= I Am Breathing =

2013 documentary film directed by Emma Davie and Morag McKinnon

I Am Breathing is a 2013 Scottish/UK documentary feature film directed by Emma Davie and Morag McKinnon and produced by Sonia Henrici and associate producers Alex Usborne and Justin Edgar for 104 films. It follows the last months of Neil Platt, a young father with terminal and debilitating motor neuron disease (MND). It was funded by Channel 4, 104 films, the Scottish Documentary Institute and Danish Documentary Production

== Plot ==
I AM BREATHING reminds us what it is to be alive - a tale of fun and laughs with a smattering of upset and devastation. Within a year, Neil Platt goes from being a healthy 30-something British bloke with a great sense of humor to becoming completely paralyzed from the neck down, thanks to the devastating illness he has inherited - known as ALS, MND, or Lou Gehrig's disease. As his body gets weaker, his perspective on life changes. His humour remains, but new wisdom emerges: "It's amazing how adaptable we are when we have to be. It's what separates us and defines us as human beings." Knowing he only has a few months left to live, and while he still has the ability to speak, Neil puts together a letter and memory box for his baby son Oscar and communicates his experience and thoughts about life in a blog - and in this film which he was determined to make. The directness of his communication mingles with images of the sensory details of a life well lived, and makes us revalue the ordinary. His blog posts form the film's narration as he tells his own story through memories and impressions of his life - the sheer joy of falling in love, of partying with his mates, of fast motorbike rides. Through his determination to share his final journey, he makes us ask questions about our own lives.

== Release ==
The film was released by Distrify on MotorNerone disease awareness day 21 June 2013 with 130 screenings in 30 countries. The strategy was to raise awareness about motor neurone disease and raise funds for research. The MND association launched a major advertising campaign with posters on London's tube network.
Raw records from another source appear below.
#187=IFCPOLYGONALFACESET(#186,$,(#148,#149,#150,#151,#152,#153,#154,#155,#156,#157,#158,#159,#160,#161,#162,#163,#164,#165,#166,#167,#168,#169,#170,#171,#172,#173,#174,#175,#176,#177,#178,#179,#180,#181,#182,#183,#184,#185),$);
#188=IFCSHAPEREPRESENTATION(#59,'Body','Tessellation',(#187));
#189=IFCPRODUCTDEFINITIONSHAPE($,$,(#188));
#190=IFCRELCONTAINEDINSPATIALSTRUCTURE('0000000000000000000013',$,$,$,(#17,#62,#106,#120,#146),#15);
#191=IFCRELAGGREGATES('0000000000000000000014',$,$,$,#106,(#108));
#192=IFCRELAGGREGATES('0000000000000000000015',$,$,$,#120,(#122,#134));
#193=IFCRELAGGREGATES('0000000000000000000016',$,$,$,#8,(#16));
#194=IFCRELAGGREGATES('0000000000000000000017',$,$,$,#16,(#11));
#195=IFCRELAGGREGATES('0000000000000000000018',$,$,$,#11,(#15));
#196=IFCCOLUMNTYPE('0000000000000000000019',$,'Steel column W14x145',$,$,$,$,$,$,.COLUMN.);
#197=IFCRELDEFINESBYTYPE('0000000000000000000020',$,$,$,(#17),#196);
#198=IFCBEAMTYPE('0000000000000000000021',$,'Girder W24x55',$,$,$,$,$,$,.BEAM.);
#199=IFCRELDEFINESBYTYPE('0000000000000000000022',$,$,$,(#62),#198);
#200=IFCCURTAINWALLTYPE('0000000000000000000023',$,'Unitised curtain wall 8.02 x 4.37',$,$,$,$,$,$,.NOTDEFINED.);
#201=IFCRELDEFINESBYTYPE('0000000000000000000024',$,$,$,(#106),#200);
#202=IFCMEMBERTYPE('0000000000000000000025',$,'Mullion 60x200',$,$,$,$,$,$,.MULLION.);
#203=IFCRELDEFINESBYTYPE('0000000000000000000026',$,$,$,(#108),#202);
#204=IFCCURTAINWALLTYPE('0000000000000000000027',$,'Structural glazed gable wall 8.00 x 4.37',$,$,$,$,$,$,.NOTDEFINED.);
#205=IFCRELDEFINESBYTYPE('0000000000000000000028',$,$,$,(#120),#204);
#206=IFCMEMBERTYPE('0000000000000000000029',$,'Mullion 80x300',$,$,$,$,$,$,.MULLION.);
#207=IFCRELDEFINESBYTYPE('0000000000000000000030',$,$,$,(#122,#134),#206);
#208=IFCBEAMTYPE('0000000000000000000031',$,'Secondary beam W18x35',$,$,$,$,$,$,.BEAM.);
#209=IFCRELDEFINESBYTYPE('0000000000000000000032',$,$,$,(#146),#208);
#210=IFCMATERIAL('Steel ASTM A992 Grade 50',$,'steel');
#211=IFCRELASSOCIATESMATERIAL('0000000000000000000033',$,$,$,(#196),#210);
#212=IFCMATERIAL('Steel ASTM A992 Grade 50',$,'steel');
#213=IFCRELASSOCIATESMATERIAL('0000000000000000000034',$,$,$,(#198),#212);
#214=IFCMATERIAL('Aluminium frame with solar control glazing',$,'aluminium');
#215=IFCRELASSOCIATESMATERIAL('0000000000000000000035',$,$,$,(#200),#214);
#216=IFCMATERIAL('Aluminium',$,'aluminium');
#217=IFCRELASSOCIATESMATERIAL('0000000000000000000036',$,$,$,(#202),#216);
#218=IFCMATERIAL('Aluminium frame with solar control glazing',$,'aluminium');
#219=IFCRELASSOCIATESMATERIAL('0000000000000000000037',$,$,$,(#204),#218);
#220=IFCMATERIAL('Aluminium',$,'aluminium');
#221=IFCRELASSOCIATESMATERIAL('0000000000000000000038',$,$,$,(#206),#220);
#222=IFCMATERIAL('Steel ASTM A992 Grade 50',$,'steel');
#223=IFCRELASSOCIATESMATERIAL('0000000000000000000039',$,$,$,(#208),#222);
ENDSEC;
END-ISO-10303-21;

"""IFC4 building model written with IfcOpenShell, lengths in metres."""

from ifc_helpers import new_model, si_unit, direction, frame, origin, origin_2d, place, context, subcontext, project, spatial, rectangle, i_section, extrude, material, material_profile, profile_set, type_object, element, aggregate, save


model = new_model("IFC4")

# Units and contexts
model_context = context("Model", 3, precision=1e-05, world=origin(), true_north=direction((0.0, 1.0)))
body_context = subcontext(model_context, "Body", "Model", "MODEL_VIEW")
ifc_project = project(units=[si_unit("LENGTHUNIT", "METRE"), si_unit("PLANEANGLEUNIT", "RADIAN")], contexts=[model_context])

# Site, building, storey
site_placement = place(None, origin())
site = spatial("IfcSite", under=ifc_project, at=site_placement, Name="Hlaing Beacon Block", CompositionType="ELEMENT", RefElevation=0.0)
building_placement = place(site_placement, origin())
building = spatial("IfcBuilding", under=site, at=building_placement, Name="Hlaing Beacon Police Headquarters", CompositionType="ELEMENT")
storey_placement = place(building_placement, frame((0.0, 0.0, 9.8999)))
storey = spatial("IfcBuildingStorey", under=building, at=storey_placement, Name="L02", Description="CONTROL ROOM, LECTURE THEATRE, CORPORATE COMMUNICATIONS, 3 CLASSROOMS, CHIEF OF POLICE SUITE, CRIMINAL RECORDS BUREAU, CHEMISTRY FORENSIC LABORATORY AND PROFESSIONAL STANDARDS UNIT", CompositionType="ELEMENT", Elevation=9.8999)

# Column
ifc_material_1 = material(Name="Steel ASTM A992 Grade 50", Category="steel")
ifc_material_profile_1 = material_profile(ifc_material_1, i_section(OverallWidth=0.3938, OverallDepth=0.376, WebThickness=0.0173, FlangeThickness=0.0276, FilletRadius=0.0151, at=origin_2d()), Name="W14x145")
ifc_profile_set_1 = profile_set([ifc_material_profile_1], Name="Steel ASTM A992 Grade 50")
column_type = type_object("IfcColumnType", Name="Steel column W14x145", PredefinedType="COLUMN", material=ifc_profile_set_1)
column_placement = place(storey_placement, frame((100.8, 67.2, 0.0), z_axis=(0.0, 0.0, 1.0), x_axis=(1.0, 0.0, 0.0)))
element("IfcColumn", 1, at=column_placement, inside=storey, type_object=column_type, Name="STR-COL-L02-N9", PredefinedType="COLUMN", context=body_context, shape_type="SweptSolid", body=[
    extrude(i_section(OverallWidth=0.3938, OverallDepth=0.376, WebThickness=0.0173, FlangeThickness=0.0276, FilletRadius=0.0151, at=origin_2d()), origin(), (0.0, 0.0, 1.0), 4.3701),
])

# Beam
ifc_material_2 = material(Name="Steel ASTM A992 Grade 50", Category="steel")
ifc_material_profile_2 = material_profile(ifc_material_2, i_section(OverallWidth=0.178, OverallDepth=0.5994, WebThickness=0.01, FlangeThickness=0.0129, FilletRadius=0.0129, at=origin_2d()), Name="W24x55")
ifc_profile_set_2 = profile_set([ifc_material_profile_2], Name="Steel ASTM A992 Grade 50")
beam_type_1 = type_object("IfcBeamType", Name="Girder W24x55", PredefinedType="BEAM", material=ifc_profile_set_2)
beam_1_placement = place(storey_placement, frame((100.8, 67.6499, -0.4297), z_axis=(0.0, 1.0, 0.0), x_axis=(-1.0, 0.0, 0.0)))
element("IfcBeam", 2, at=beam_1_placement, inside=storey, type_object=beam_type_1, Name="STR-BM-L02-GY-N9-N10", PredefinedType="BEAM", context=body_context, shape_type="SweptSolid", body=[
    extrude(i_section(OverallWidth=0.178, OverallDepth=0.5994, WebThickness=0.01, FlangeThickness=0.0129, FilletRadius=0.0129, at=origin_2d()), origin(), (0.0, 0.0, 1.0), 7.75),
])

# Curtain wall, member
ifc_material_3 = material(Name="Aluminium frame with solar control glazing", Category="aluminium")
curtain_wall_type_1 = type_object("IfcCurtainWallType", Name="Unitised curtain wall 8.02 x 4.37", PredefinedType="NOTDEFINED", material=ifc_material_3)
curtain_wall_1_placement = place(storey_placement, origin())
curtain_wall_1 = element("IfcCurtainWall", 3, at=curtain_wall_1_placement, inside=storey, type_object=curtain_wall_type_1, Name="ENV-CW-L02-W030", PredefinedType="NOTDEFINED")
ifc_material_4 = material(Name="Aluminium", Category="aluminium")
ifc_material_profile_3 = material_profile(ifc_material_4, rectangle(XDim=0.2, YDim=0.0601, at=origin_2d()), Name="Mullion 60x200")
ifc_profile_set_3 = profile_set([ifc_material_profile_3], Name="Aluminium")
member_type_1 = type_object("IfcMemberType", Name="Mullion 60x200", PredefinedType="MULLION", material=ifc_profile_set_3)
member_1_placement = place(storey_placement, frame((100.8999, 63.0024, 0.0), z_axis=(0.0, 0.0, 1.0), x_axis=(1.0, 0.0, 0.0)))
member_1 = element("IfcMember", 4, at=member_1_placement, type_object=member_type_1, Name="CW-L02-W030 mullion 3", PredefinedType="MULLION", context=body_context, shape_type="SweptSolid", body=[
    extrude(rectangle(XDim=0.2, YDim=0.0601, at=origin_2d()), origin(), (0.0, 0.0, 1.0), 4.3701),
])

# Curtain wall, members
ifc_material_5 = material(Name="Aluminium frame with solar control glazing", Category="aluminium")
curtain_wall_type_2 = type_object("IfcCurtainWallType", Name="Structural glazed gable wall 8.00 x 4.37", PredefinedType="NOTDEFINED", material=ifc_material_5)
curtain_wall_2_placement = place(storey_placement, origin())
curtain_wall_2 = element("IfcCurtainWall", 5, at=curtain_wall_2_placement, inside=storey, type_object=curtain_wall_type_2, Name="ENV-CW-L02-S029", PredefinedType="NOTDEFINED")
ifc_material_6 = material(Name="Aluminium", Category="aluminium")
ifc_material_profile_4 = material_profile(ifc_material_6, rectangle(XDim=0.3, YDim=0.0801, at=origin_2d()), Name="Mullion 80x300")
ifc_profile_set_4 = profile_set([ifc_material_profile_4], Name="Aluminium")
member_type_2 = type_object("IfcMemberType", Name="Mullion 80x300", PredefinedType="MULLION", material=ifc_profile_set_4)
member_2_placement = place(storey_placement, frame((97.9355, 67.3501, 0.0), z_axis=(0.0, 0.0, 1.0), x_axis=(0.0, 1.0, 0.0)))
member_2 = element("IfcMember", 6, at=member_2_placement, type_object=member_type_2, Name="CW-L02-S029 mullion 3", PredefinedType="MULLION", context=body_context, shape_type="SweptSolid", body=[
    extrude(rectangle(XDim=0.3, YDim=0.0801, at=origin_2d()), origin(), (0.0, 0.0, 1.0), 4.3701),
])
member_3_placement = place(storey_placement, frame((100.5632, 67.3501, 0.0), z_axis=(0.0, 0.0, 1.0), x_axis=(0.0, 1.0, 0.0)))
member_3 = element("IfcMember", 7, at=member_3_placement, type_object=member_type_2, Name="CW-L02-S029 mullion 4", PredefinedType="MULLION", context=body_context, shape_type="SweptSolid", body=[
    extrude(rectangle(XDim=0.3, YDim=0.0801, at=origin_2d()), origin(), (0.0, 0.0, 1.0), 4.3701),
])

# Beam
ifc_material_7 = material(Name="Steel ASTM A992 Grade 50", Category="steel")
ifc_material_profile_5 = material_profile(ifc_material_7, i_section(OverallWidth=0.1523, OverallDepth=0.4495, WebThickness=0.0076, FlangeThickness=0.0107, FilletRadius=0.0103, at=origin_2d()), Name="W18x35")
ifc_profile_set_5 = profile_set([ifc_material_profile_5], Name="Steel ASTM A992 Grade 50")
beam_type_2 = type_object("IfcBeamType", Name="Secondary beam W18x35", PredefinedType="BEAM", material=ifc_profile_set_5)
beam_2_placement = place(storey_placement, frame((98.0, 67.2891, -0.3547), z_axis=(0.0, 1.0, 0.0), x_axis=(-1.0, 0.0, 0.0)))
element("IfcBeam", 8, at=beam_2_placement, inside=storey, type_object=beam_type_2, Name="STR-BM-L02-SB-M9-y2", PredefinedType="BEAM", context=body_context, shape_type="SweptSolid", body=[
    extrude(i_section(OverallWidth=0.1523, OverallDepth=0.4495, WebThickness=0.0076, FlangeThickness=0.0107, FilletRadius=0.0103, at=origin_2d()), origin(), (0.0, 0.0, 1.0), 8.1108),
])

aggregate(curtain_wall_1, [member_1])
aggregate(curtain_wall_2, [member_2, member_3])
The film was also screened on Channel 4 in 2014.

== Reception ==
The film holds a 92% fresh rating on Rotten Tomatoes critical aggregator website. The PlayList called the film: "A Genuinely Inspirational Documentary On One Man’s Last Days"

== Awards ==
I Am Breathing won the Jury Prize at the River Run International Film Festival for Best Documentary Feature and the BAFTA Scotland Award for Best Director.